An example of AMP is a mobile phone’s modem baseband SoC, containing an ARM processor and a DSP to handle control and signal processing, respectively. AMP architectures are also found in mobile phone application processors, which have multiple CPU cores and separate discrete graphics cores, video cores, audio cores and imaging cores. Heterogeneous architectures also dominate in most embedded consumer applications, such as digital TVs, set-top boxes, and automotive infotainment.

Figure 1. The Qualcomm Snapdragon 800 is an example of system-on-chip that implements an asymmetric processing (AMP) architecture with multiple processing units optimized for different functions. Source: Qualcomm.

Heat and power drive architecture decisions

Mobile applications face significant design constraints because of battery size and heat dissipation. As a result, processor designers are forced to use “the best core for the job.” So architectures in mobility have always been created from a baseline expectation of heterogeneous core AMP.

Server and PC chips have relatively unlimited power consumption and heat dissipation capabilities, making an SMP architecture tolerable. In these applications, it is often easier to add more cores of the same type, connect them using cache coherency, and reuse the legacy software to run on top. Comparatively little attention has been paid to heat dissipation and power consumption.

But PCs are becoming smaller and mobile. And server farms are eyeing power consumption as well, forcing designers to reconsider SMP architectures. For example, for server farms that power the likes of Google and Facebook, power consumption and heat dissipation have become huge cost and environmental issues. And in the PC space, we have run into a “gigahertz wall” where the only way to have a step function increase in performance is to have different cores optimized for different workload types.
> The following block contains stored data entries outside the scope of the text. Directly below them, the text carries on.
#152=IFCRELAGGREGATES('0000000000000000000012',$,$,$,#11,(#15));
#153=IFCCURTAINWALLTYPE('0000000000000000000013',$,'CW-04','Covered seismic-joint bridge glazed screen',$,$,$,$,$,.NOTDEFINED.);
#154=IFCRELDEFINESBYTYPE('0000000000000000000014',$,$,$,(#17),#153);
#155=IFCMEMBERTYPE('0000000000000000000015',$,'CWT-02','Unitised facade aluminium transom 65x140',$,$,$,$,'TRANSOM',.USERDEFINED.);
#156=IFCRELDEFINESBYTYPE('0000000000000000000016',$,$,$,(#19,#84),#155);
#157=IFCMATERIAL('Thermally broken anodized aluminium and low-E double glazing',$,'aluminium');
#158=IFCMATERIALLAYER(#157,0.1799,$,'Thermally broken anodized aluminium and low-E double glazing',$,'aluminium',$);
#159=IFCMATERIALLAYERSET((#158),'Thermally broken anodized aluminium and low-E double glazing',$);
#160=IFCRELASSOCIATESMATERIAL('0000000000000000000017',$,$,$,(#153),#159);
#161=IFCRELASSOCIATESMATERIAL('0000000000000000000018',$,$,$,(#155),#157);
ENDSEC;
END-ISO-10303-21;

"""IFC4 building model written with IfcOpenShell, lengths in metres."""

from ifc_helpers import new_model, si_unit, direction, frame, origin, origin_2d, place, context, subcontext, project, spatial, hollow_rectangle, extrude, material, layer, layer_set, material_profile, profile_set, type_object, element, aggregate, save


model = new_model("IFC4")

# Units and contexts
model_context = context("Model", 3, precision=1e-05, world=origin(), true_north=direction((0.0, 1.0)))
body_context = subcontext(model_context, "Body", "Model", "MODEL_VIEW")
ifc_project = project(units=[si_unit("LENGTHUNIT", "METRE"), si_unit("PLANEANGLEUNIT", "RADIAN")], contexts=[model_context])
AMP architectures struggle to break into PC/server applications

Why don’t AMP architectures dominate PC and server applications?
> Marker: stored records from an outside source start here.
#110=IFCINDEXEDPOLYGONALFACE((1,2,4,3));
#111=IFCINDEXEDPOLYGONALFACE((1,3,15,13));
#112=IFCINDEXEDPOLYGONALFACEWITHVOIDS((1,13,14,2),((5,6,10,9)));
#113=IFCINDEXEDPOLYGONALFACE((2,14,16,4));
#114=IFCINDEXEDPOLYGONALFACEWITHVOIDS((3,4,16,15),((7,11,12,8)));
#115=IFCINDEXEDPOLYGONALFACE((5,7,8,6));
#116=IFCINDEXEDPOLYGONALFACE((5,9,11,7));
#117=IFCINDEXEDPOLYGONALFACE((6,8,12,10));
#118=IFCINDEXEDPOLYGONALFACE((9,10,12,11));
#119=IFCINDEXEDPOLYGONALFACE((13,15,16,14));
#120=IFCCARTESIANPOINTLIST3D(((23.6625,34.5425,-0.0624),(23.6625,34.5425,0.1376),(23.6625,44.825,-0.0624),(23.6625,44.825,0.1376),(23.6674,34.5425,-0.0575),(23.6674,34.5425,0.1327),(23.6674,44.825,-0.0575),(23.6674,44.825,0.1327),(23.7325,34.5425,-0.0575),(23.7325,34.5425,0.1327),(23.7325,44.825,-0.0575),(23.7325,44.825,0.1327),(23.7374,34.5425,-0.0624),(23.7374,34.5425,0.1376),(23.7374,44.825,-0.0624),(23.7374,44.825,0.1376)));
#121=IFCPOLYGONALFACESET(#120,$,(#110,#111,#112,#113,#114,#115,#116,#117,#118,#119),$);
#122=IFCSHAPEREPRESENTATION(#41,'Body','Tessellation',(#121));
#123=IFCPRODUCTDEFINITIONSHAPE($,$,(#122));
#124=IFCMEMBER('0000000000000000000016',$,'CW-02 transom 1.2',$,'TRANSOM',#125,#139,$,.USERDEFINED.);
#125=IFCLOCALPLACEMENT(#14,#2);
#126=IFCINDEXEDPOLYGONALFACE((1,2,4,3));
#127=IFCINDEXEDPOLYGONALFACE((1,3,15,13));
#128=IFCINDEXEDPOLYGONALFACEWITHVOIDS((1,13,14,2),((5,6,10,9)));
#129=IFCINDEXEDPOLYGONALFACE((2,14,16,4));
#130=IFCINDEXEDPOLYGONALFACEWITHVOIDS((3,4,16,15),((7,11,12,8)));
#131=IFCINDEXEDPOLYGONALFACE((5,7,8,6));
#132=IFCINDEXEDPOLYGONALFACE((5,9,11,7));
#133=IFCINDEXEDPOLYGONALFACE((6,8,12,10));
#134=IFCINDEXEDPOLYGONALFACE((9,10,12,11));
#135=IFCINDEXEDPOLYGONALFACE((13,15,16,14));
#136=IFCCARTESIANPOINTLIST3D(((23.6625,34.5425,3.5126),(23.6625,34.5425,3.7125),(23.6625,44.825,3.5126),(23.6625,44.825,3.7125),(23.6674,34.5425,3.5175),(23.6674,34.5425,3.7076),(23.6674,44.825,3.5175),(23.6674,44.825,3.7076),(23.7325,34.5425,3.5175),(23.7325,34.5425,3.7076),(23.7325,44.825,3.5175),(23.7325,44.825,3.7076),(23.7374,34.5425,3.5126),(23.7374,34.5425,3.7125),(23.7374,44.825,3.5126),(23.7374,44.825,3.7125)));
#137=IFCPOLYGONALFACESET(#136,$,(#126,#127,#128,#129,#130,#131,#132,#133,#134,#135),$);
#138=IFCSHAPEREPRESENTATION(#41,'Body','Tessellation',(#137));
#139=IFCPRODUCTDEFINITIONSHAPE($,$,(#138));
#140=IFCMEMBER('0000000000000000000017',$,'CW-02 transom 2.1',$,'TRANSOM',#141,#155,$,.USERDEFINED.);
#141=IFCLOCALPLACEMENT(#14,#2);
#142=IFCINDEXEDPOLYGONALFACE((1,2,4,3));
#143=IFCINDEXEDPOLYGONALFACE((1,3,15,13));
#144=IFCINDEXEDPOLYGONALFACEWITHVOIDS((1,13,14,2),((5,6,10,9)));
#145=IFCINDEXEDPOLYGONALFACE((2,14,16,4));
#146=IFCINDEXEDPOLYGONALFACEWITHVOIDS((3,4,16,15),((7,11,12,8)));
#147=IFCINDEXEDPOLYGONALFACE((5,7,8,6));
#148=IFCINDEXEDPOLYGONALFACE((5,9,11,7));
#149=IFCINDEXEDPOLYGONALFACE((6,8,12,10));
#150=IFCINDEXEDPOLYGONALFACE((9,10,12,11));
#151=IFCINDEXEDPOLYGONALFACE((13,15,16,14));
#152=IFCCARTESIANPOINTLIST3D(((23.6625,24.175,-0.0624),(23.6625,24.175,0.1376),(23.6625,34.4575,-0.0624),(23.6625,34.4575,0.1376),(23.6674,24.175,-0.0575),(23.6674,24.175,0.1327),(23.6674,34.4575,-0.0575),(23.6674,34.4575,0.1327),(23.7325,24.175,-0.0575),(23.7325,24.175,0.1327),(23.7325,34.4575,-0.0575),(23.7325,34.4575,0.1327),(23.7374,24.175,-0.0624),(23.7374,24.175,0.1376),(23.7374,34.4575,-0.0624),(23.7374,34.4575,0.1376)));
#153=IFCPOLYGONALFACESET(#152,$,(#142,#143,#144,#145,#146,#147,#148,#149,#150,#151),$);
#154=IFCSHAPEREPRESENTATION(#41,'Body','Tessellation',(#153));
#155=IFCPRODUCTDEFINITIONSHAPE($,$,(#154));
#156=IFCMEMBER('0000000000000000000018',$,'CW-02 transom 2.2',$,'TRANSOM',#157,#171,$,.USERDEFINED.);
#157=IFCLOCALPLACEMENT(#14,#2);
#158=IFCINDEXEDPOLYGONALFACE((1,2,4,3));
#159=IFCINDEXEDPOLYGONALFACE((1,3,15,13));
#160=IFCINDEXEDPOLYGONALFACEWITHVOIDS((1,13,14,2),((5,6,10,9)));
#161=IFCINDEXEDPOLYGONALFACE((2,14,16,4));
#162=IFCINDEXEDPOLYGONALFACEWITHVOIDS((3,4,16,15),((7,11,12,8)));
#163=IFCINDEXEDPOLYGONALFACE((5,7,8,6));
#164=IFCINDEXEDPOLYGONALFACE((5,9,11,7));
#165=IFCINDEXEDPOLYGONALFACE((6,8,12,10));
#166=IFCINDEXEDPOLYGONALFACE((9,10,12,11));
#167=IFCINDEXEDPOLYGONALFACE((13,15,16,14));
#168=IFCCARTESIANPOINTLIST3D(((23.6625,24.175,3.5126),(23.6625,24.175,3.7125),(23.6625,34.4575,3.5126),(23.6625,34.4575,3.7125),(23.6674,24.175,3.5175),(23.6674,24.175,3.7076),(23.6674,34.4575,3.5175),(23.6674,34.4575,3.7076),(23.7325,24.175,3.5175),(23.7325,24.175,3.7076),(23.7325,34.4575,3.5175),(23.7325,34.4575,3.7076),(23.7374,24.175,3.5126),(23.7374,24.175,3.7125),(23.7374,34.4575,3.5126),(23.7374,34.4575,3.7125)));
Because they are hard to implement!

In mobile designs, each heterogeneous processing core, whether graphics, audio, DSP, etc., typically has a custom firmware and software stack associated with it. This software must be integrated to communicate with the CPU cores’ operating system, requiring coding work in the OS hardware abstraction layer and drivers. In addition, these heterogeneous cores do not have a single view of system memory, so complicated synchronization schemes are usually implemented in hardware and software. Context switching and preemption are difficult to implement. Adding to the challenge, each of these cores requires an expert programmer, conversant in a particular core’s instruction set and tool chains, to code it.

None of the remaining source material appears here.